These are the key concepts you need to understand to accurately answer the question.

Diverging Lens
A diverging lens is specially designed to spread out light rays that pass through it. This spreading effect causes parallel rays of light to diverge as they exit the lens, which makes it ideal for applications where light needs to be dispersed.
  • These lenses have a characteristic concave shape, often resembling a thin center with thicker edges.
  • Light deviates outwardly, tracing back to a point called the focal point on the same side as the incoming light. This is known as the virtual focal point.
  • The focal length of a diverging lens is negative, indicating its unique property of moving the light's convergence point to the opposite side of the lens.
In exercises like this one, a diverging lens affects the final position of the image by finalizing the outward direction of light rays that may have been directed by a converging lens first. Understanding the interaction between the focal point and light behavior is crucial in solving problems involving these lenses.
Converging Lens
Converging lenses work by bending incoming light rays towards a single point, known as the focal point. These lenses are typically convex in shape, appearing thicker in the center and thinner on the edges.
  • They gather light to a focal point, providing a real focal length that is always positive.
  • The practical use of converging lenses is seen in magnifying glasses and optical instruments, where bringing light to focus is essential.

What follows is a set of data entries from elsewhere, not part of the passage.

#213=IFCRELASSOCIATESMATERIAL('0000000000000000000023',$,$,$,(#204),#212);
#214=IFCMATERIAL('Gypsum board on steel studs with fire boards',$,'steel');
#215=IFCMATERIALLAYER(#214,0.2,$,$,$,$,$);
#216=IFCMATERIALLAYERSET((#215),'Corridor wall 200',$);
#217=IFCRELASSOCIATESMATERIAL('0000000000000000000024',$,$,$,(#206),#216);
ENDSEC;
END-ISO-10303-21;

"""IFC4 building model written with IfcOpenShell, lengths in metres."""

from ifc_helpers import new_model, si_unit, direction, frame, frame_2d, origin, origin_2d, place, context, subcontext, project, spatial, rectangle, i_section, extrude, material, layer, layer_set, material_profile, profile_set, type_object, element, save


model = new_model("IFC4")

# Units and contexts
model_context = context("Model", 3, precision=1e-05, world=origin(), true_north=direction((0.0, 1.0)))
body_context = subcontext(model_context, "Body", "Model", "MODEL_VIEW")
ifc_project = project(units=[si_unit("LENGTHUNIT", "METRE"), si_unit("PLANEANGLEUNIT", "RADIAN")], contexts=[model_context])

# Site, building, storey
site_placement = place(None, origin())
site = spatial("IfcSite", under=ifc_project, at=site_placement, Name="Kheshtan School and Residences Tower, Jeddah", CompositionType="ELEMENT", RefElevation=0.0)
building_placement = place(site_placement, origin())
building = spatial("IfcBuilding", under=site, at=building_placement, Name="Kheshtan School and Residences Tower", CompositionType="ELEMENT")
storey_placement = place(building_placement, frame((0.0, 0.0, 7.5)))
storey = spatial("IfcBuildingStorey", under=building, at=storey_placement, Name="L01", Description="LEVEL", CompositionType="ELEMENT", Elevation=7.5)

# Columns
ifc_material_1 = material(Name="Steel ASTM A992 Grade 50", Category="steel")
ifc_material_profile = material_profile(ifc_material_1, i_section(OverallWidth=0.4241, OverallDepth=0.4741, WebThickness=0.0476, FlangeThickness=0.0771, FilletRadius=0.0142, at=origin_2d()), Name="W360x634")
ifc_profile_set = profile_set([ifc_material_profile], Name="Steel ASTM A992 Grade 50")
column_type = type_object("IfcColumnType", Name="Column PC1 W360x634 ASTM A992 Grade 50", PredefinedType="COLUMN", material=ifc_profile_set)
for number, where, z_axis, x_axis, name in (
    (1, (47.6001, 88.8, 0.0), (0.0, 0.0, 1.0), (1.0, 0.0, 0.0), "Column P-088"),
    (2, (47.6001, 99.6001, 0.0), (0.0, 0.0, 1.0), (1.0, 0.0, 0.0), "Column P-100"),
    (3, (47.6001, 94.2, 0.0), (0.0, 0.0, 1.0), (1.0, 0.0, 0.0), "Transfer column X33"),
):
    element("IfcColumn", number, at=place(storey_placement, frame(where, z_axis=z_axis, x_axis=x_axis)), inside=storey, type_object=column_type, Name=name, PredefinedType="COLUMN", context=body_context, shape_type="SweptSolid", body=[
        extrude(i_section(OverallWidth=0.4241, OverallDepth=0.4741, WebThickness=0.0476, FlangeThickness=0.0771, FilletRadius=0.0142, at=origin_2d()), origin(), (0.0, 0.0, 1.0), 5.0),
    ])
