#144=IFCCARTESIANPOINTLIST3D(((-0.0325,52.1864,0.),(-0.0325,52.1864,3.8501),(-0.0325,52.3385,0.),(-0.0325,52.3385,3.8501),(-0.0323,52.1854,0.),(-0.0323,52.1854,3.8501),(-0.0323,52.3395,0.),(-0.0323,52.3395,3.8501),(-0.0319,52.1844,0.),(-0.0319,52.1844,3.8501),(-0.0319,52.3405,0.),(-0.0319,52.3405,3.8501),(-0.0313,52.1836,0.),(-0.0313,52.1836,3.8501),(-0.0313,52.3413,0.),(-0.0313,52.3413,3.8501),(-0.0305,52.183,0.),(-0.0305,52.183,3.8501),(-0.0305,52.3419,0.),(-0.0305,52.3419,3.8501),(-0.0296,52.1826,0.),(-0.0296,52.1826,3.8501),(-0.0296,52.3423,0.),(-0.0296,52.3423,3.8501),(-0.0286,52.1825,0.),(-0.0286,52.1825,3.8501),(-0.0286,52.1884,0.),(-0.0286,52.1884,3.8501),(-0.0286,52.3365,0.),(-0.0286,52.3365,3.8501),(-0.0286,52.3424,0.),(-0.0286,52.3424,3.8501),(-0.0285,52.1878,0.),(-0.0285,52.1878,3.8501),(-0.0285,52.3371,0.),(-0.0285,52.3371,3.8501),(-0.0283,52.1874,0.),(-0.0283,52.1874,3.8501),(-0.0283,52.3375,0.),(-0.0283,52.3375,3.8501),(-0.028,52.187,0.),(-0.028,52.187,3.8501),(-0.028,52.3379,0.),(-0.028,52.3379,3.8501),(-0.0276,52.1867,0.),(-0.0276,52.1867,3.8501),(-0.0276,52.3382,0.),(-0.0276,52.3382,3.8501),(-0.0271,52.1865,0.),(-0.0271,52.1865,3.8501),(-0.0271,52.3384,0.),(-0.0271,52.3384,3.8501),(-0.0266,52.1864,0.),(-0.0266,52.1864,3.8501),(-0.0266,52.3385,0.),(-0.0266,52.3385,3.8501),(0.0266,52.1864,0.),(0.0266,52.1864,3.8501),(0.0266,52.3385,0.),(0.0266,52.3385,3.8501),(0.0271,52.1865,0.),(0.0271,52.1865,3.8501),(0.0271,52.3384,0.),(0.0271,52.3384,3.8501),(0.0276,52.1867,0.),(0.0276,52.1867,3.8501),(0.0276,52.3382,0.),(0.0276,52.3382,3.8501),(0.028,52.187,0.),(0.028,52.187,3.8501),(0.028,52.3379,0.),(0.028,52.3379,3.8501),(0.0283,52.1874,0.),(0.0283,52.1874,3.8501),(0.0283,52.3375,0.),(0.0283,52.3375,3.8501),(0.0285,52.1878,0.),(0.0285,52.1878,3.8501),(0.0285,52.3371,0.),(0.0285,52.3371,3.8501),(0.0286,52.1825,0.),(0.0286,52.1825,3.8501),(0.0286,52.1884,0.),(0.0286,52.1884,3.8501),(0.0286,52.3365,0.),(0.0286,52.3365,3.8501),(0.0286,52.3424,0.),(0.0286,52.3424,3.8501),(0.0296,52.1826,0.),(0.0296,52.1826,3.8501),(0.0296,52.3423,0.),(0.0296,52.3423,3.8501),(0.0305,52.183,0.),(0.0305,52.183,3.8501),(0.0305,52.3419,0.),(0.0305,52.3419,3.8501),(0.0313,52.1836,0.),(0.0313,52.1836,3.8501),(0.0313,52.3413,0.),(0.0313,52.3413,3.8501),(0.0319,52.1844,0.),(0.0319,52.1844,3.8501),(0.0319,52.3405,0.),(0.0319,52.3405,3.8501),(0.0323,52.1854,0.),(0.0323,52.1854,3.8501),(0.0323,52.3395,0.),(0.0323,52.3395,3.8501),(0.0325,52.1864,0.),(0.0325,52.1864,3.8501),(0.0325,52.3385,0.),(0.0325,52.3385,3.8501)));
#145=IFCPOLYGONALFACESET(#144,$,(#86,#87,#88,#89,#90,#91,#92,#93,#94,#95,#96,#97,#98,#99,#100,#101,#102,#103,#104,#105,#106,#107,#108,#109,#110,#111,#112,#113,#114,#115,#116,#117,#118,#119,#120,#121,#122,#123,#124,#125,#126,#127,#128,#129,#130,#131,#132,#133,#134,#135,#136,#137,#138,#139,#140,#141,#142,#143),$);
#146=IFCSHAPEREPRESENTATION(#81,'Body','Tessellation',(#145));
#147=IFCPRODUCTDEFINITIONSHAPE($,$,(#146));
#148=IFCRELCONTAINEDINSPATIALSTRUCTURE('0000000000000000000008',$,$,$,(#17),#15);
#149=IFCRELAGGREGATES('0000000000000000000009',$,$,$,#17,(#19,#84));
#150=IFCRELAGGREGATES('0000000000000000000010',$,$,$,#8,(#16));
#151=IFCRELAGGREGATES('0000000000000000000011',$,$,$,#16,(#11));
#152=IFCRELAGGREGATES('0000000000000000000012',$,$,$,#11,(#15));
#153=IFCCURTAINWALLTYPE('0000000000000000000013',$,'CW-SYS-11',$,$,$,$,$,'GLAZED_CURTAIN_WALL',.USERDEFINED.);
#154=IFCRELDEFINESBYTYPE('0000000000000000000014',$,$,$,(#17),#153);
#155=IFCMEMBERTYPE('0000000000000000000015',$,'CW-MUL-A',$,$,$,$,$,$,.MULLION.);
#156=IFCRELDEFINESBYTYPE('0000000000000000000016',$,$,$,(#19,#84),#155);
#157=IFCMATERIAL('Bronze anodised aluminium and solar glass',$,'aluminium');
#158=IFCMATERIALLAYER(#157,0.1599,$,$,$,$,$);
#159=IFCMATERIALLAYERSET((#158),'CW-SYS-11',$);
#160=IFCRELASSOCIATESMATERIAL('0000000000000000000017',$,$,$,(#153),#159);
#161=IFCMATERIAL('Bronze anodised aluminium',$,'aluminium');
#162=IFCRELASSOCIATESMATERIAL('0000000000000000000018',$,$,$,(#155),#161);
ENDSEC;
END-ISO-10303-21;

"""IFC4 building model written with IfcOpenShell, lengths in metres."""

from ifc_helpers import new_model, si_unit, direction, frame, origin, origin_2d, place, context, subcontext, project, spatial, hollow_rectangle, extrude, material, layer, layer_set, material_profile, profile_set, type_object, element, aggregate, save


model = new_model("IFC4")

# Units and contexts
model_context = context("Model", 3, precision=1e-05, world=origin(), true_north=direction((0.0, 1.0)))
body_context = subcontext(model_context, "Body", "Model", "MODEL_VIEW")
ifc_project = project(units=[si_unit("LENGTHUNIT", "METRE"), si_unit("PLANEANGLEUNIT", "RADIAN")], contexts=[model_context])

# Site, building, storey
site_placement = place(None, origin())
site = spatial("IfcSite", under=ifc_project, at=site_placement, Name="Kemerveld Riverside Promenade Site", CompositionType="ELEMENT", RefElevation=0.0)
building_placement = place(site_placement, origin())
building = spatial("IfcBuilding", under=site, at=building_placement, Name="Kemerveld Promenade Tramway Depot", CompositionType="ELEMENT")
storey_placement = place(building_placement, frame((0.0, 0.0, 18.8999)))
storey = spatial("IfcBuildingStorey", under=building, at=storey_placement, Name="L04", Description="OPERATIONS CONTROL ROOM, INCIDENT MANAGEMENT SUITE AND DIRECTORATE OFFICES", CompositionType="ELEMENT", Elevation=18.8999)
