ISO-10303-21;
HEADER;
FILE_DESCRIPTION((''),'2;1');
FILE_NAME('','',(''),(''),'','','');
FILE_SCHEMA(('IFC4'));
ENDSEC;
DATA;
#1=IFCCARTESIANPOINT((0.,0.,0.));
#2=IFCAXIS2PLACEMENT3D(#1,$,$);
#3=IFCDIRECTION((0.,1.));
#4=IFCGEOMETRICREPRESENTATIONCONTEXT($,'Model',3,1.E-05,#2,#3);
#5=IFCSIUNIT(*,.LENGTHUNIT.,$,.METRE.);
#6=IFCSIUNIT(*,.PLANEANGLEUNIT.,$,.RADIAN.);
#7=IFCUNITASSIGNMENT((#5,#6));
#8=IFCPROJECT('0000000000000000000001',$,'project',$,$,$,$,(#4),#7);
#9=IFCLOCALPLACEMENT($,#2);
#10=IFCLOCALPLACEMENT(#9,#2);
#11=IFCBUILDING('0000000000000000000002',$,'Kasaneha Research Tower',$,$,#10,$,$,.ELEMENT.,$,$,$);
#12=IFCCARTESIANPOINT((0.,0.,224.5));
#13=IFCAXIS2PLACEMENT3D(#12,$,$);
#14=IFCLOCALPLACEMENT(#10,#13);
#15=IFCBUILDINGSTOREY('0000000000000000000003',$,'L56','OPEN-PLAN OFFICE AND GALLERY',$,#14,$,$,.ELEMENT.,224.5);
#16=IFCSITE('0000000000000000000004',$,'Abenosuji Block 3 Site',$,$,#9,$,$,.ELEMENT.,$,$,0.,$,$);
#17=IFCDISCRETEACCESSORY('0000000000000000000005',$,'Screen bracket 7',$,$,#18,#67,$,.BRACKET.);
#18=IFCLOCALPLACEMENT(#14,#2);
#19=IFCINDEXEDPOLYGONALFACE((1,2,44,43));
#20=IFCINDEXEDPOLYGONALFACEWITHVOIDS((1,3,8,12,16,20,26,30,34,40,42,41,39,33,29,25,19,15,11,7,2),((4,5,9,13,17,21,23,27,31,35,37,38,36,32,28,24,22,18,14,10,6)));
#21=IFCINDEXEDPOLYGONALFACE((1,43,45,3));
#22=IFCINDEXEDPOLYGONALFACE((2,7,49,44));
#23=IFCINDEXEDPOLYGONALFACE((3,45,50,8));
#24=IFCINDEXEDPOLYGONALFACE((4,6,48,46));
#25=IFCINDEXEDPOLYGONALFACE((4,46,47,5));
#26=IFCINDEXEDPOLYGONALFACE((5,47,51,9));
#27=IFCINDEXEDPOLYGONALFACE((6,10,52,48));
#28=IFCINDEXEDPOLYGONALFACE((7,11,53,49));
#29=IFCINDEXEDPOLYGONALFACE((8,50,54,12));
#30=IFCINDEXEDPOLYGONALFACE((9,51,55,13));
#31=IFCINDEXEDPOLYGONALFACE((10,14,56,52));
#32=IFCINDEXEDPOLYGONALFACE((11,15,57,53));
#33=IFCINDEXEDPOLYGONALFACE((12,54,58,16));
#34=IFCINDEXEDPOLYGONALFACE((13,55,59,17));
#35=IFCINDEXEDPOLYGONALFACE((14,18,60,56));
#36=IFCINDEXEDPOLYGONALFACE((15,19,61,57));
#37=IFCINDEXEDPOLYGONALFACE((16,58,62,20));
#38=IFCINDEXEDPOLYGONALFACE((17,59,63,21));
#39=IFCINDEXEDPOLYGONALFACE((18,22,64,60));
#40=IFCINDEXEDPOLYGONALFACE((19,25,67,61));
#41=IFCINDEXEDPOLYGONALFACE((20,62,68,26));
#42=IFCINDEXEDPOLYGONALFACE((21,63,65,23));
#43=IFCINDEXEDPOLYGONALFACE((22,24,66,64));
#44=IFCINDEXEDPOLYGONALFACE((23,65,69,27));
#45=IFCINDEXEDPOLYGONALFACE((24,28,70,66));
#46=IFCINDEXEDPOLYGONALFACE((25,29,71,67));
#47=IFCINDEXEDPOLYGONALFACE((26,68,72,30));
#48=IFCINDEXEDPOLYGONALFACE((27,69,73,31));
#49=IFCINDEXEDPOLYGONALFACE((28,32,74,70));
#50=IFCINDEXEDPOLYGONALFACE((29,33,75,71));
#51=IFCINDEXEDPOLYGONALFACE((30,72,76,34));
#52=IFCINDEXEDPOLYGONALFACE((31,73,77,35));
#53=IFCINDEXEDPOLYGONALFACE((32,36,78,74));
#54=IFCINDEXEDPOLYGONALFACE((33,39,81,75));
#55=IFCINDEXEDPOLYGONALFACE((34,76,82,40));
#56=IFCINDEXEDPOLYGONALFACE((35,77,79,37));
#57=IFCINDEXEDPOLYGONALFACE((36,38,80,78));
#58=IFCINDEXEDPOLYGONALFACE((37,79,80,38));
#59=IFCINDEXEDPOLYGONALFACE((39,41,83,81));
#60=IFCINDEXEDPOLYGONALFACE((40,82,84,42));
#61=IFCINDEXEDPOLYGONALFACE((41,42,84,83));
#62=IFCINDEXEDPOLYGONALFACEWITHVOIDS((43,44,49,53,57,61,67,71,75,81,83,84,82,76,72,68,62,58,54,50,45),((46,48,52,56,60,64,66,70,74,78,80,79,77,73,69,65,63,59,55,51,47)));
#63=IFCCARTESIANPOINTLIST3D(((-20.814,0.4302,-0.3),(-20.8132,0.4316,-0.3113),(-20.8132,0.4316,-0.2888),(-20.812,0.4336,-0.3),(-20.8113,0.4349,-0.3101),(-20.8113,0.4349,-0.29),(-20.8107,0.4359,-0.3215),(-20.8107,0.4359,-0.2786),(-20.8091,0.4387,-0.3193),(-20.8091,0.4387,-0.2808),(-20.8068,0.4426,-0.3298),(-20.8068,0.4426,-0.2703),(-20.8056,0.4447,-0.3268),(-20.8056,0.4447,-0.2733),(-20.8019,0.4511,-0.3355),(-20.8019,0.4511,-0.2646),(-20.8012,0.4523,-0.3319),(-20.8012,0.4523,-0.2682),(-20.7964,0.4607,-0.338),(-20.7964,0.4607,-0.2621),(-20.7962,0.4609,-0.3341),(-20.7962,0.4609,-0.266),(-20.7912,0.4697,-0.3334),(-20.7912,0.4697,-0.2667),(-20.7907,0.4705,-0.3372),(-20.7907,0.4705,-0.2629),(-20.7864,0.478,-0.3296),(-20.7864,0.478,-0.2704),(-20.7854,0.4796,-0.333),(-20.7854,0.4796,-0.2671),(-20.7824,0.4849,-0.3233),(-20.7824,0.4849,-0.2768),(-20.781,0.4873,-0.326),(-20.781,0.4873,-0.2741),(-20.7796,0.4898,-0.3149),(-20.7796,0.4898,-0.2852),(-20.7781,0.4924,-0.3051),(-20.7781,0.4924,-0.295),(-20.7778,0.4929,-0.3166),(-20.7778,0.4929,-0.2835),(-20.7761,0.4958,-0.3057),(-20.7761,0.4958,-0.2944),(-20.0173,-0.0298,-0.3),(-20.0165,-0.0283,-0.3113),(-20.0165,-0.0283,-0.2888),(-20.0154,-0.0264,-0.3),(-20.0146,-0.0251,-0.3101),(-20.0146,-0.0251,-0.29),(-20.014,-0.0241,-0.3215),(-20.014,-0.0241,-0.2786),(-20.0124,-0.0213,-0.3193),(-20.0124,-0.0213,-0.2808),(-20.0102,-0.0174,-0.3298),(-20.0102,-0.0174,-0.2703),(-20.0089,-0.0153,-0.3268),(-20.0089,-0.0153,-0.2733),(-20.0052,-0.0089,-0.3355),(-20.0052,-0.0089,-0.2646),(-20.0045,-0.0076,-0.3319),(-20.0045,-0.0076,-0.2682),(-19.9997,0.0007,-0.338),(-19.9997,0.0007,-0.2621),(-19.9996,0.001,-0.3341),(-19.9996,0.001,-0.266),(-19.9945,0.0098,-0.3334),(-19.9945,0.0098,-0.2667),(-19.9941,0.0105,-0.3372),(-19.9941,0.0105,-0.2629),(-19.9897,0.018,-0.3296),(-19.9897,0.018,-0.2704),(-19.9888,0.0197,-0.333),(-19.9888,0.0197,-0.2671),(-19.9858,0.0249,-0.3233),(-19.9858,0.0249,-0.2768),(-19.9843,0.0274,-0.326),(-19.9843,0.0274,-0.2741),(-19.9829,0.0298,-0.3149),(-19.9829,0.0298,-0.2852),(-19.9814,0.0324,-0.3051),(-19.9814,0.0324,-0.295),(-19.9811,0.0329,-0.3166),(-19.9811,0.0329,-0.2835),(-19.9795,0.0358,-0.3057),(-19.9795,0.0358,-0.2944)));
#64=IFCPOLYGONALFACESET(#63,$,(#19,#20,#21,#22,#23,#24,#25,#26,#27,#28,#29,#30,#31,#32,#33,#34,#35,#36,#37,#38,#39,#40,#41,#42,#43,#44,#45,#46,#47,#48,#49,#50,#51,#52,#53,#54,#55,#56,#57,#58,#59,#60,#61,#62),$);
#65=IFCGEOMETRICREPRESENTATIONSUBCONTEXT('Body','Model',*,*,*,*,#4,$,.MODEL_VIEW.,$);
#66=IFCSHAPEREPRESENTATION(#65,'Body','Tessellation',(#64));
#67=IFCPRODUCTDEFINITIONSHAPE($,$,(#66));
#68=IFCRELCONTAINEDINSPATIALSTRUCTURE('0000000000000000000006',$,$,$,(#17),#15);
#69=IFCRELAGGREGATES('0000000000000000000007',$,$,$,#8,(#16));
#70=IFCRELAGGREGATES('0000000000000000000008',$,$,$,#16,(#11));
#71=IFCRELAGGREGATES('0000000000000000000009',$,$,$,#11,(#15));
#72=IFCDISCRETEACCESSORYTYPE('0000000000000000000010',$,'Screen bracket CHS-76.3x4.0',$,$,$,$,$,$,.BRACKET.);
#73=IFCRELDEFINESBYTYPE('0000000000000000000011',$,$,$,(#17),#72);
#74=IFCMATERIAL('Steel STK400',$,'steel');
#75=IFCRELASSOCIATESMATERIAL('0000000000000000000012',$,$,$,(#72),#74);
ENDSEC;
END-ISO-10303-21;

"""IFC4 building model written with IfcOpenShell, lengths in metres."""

from ifc_helpers import new_model, si_unit, direction, frame, origin, origin_2d, place, context, subcontext, project, spatial, hollow_circle, extrude, material, material_profile, profile_set, type_object, element, save


model = new_model("IFC4")

# Units and contexts
model_context = context("Model", 3, precision=1e-05, world=origin(), true_north=direction((0.0, 1.0)))
body_context = subcontext(model_context, "Body", "Model", "MODEL_VIEW")
ifc_project = project(units=[si_unit("LENGTHUNIT", "METRE"), si_unit("PLANEANGLEUNIT", "RADIAN")], contexts=[model_context])

# Site, building, storey
site_placement = place(None, origin())
site = spatial("IfcSite", under=ifc_project, at=site_placement, Name="Abenosuji Block 3 Site", CompositionType="ELEMENT", RefElevation=0.0)
building_placement = place(site_placement, origin())
building = spatial("IfcBuilding", under=site, at=building_placement, Name="Kasaneha Research Tower", CompositionType="ELEMENT")
storey_placement = place(building_placement, frame((0.0, 0.0, 224.5)))
storey = spatial("IfcBuildingStorey", under=building, at=storey_placement, Name="L56", Description="OPEN-PLAN OFFICE AND GALLERY", CompositionType="ELEMENT", Elevation=224.5)

# Discrete accessory
ifc_material_1 = material(Name="Steel STK400", Category="steel")
ifc_material_profile_1 = material_profile(ifc_material_1, hollow_circle(Radius=0.0381, WallThickness=0.0039, at=origin_2d()), Name="CHS-76.3x4.0")
ifc_profile_set_1 = profile_set([ifc_material_profile_1], Name="Steel STK400")
discrete_accessory_type = type_object("IfcDiscreteAccessoryType", Name="Screen bracket CHS-76.3x4.0", PredefinedType="BRACKET", material=ifc_profile_set_1)
discrete_accessory_1_placement = place(storey_placement, frame((-19.9983, 0.0032, -0.3), z_axis=(-0.866013, 0.500021, 0.0), x_axis=(-0.500021, -0.866013, 0.0)))
element("IfcDiscreteAccessory", 1, at=discrete_accessory_1_placement, inside=storey, type_object=discrete_accessory_type, Name="Screen bracket 7", PredefinedType="BRACKET", context=body_context, shape_type="SweptSolid", body=[
    extrude(hollow_circle(Radius=0.0381, WallThickness=0.0039, at=origin_2d()), origin(), (0.0, 0.0, 1.0), 0.9199),
])

save(model, "model.ifc")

  • These lenses can produce both real and virtual images, depending on the position of the object relative to the lens.
In the context of the given exercise, the converging lens initially forms an image by directing light rays to converge at a particular point, and we calculate this using the lens formula. The interaction with a diverging lens then modifies this image location.
Lens Formula
The lens formula is a critical mathematical equation used to determine the relationships between the focal length, the distance of the object from the lens, and the distance of the image. The formula is written as:\[ \frac{1}{f} = \frac{1}{d_o} + \frac{1}{d_i} \]Where:
  • \( f \) is the focal length of the lens.
  • \( d_o \) is the distance from the object to the lens.
  • \( d_i \) is the distance from the image to the lens.
This equation is fundamental in optics, allowing calculations of image position based on the known values of other variables.
In practical applications, such as the given exercise, the lens formula helps solve where the final image will be formed after passing through multiple lenses. By considering separately the impact of each lens and their respective focal lengths, understanding this equation is key to handling complex lens systems efficiently.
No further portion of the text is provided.